For reproduction, the entire surface of the volume would have to be covered with closely spaced loudspeakers, each individually driven with its own signal. Moreover, the listening area would have to be anechoic, in order to avoid sound reflections that would violate source-free volume assumption. In practice, this is hardly feasible. Because our acoustic perception is most exact in the horizontal plane, practical approaches generally reduce the problem to a horizontal loudspeaker line, circle or rectangle around the listener.

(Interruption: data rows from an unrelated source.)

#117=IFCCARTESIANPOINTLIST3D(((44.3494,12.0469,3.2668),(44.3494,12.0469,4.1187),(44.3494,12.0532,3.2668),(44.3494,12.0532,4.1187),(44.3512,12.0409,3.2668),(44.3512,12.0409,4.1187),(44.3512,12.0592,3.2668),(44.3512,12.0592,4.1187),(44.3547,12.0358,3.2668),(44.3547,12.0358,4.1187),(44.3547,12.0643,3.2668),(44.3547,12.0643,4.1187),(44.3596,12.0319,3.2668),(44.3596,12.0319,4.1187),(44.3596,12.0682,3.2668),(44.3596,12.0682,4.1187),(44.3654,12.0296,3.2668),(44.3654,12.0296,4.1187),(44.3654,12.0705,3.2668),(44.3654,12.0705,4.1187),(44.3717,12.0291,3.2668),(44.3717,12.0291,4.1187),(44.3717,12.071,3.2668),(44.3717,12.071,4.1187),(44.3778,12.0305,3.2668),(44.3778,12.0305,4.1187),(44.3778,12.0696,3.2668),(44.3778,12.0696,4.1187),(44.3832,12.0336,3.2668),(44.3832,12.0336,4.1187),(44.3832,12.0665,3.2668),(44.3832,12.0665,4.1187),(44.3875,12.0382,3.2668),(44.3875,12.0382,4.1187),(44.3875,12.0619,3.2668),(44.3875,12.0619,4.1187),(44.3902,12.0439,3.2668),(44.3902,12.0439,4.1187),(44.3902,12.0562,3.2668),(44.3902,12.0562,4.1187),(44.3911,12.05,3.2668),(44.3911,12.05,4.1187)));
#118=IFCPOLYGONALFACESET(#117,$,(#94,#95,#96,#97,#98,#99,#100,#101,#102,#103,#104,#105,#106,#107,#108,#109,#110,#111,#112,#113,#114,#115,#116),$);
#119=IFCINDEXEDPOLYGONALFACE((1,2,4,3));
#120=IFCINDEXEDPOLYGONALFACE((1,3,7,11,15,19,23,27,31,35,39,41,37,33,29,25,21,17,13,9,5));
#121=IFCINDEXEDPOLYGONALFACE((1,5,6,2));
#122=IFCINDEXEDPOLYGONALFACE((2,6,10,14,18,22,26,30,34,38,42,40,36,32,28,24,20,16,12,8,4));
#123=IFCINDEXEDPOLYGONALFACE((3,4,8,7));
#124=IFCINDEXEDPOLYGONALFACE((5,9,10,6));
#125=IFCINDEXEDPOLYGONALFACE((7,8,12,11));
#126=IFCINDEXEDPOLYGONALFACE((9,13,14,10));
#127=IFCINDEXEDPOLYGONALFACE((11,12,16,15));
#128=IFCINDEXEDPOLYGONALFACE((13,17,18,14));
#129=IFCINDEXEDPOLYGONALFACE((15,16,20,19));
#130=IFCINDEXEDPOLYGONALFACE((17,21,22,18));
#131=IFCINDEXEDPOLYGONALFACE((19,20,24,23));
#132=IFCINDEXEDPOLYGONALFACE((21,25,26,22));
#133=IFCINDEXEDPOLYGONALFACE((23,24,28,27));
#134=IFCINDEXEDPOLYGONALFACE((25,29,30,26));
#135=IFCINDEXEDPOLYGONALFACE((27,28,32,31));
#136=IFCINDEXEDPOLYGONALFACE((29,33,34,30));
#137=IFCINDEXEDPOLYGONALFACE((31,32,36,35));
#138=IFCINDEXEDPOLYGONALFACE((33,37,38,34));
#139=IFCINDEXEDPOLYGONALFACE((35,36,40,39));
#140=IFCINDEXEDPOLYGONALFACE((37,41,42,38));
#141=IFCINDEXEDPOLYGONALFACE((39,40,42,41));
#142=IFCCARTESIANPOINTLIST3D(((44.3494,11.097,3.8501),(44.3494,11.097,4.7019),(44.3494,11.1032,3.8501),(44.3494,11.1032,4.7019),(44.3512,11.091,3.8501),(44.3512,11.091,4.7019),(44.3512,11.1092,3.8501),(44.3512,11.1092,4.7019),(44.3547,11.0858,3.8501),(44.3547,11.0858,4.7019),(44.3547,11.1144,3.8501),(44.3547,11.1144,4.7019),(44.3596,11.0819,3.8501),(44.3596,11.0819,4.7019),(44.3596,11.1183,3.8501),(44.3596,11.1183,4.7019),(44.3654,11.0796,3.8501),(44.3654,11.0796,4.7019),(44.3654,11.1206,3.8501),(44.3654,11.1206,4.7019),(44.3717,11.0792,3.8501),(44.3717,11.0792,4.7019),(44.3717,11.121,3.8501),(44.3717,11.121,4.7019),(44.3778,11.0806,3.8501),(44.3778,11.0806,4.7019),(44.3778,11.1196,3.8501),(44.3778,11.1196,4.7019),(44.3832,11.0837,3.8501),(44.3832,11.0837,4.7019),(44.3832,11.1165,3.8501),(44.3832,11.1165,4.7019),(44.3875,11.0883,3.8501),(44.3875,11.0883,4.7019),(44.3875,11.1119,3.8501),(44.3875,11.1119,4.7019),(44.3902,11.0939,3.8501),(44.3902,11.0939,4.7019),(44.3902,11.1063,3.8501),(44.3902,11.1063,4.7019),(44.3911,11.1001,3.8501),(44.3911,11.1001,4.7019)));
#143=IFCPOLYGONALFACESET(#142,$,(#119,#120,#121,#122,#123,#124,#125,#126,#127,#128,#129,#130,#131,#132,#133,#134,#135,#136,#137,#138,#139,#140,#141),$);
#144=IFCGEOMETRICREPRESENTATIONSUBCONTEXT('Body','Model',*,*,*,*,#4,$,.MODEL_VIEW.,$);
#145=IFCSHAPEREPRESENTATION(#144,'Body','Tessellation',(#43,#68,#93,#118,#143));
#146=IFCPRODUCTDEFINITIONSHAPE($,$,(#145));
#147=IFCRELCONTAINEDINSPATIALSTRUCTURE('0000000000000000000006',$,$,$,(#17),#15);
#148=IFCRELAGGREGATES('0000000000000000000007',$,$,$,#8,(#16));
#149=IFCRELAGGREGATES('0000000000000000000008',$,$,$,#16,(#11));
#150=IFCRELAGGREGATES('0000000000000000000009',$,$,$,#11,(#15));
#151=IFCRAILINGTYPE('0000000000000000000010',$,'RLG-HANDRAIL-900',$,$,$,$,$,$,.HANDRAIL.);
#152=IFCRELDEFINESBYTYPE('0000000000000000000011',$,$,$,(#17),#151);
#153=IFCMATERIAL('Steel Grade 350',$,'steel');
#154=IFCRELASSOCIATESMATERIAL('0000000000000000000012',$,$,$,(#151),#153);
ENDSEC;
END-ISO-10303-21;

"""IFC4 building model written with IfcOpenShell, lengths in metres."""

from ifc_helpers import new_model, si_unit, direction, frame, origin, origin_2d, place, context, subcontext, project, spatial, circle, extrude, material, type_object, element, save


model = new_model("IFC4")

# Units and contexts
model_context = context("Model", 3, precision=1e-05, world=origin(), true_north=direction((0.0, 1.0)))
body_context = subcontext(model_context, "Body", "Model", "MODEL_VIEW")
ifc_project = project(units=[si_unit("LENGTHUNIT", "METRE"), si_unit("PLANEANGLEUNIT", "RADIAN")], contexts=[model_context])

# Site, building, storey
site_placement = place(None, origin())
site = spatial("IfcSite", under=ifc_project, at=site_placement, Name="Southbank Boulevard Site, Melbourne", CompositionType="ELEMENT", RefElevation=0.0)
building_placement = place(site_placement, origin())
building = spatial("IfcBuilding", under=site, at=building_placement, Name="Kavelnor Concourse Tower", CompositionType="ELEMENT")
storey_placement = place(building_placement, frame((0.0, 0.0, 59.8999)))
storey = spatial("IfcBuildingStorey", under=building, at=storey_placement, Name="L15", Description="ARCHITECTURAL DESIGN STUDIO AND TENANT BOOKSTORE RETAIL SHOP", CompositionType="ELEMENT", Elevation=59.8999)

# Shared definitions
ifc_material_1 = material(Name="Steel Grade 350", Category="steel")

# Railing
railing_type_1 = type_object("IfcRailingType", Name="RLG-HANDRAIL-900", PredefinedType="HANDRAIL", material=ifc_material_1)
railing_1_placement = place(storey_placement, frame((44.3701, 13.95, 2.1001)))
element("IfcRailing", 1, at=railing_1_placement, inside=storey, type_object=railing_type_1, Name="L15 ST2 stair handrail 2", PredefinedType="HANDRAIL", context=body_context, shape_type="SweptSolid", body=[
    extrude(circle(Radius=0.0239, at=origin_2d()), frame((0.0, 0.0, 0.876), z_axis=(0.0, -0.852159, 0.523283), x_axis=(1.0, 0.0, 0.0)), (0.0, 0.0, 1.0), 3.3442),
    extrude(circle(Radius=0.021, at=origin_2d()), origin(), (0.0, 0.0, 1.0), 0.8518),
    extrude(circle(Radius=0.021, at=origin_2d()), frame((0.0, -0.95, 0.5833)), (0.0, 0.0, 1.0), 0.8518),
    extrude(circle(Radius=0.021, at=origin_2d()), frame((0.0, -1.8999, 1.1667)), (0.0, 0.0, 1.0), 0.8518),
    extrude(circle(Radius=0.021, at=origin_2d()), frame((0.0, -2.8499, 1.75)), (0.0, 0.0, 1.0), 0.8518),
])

The origin of the synthesized wavefront can be at any point on the horizontal plane of the loudspeakers. For sources behind the loudspeakers, the array will produce convex wavefronts. Sources in front of the speakers can be rendered by concave wavefronts that focus in the virtual source and diverge again. Hence the reproduction inside the volume is incomplete - it breaks down if the listener sits between  speakers and inner virtual source. The origin represents the virtual acoustic source, which approximates an acoustic source at the same position. Unlike conventional (stereo) reproduction, the perceived position of the virtual sources is independent of listener position allowing the listener to move or giving an entire audience consistent perception of audio source location.

Procedural advantages 
A sound field with very stable position of the acoustic sources can be established using wave field synthesis. In principle, it is possible to establish a virtual copy of a genuine sound field indistinguishable from the real sound. Changes of the listener position in the rendition area can produce the same impression as an appropriate change of location in the recording room. Listeners are no longer relegated to a sweet spot area within the room.

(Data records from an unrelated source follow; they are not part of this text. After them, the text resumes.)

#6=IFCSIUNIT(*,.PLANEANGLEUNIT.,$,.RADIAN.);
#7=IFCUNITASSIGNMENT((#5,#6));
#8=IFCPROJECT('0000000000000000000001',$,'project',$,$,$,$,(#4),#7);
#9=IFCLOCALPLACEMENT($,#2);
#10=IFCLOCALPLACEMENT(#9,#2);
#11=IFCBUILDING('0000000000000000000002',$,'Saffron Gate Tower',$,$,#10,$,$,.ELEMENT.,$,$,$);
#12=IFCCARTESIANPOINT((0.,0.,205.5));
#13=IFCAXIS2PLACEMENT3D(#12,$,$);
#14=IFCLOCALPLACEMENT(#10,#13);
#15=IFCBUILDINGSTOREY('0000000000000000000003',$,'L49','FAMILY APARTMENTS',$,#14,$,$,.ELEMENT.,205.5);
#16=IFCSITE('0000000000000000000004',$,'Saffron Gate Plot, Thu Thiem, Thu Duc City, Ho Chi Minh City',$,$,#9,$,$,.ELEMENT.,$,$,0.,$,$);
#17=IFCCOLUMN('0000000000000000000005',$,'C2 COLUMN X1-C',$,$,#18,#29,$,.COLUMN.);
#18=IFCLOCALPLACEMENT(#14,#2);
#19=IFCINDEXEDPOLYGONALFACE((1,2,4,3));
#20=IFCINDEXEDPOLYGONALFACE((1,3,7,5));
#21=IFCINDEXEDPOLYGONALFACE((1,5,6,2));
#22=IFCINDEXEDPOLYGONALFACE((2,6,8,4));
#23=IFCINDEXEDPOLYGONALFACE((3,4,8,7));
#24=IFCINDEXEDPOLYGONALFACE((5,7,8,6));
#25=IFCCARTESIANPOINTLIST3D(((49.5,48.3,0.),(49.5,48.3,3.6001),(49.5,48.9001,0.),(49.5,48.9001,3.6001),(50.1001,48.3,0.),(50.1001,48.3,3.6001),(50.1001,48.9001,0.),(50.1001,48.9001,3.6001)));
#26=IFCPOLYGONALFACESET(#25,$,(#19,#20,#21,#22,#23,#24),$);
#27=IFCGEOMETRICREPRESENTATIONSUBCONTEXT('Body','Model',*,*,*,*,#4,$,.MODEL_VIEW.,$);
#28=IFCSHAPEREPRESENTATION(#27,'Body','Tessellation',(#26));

The Moving Picture Expert Group standardized the object-oriented transmission standard MPEG-4 which allows a separate transmission of content (dry recorded audio signal) and form (the impulse response or the acoustic model). Each virtual acoustic source needs its own (mono) audio channel. The spatial sound field in the recording room consists of the direct wave of the acoustic source and a spatially distributed pattern of mirror acoustic sources caused by the reflections by the room surfaces. Reducing that spatial mirror source distribution onto a few transmitting channels causes a significant loss of spatial information.  This spatial distribution can be synthesized much more accurately by the rendition side.

Compared to conventional channel-orientated rendition procedures, WFS provides a clear advantage: Virtual acoustic sources guided by the signal content of the associated channels can be positioned far beyond the conventional material rendition area. This reduces the influence of the listener position because the relative changes in angles and levels are clearly smaller compared to conventional loudspeakers located within the rendition area. This extends the sweet spot considerably; it can now cover nearly the entire rendition area. WFS thus is not only compatible with, but potentially improves the reproduction for conventional channel-oriented methods.

Challenges

Sensitivity to room acoustics 
Since WFS attempts to simulate the acoustic characteristics of the recording space, the acoustics of the rendition area must be suppressed. One possible solution is use of acoustic damping or to otherwise arrange the walls in an absorbing and non-reflective configuration. A second possibility is playback within the near field. For this to work effectively the loudspeakers must couple very closely at the hearing zone or the diaphragm surface must be very large.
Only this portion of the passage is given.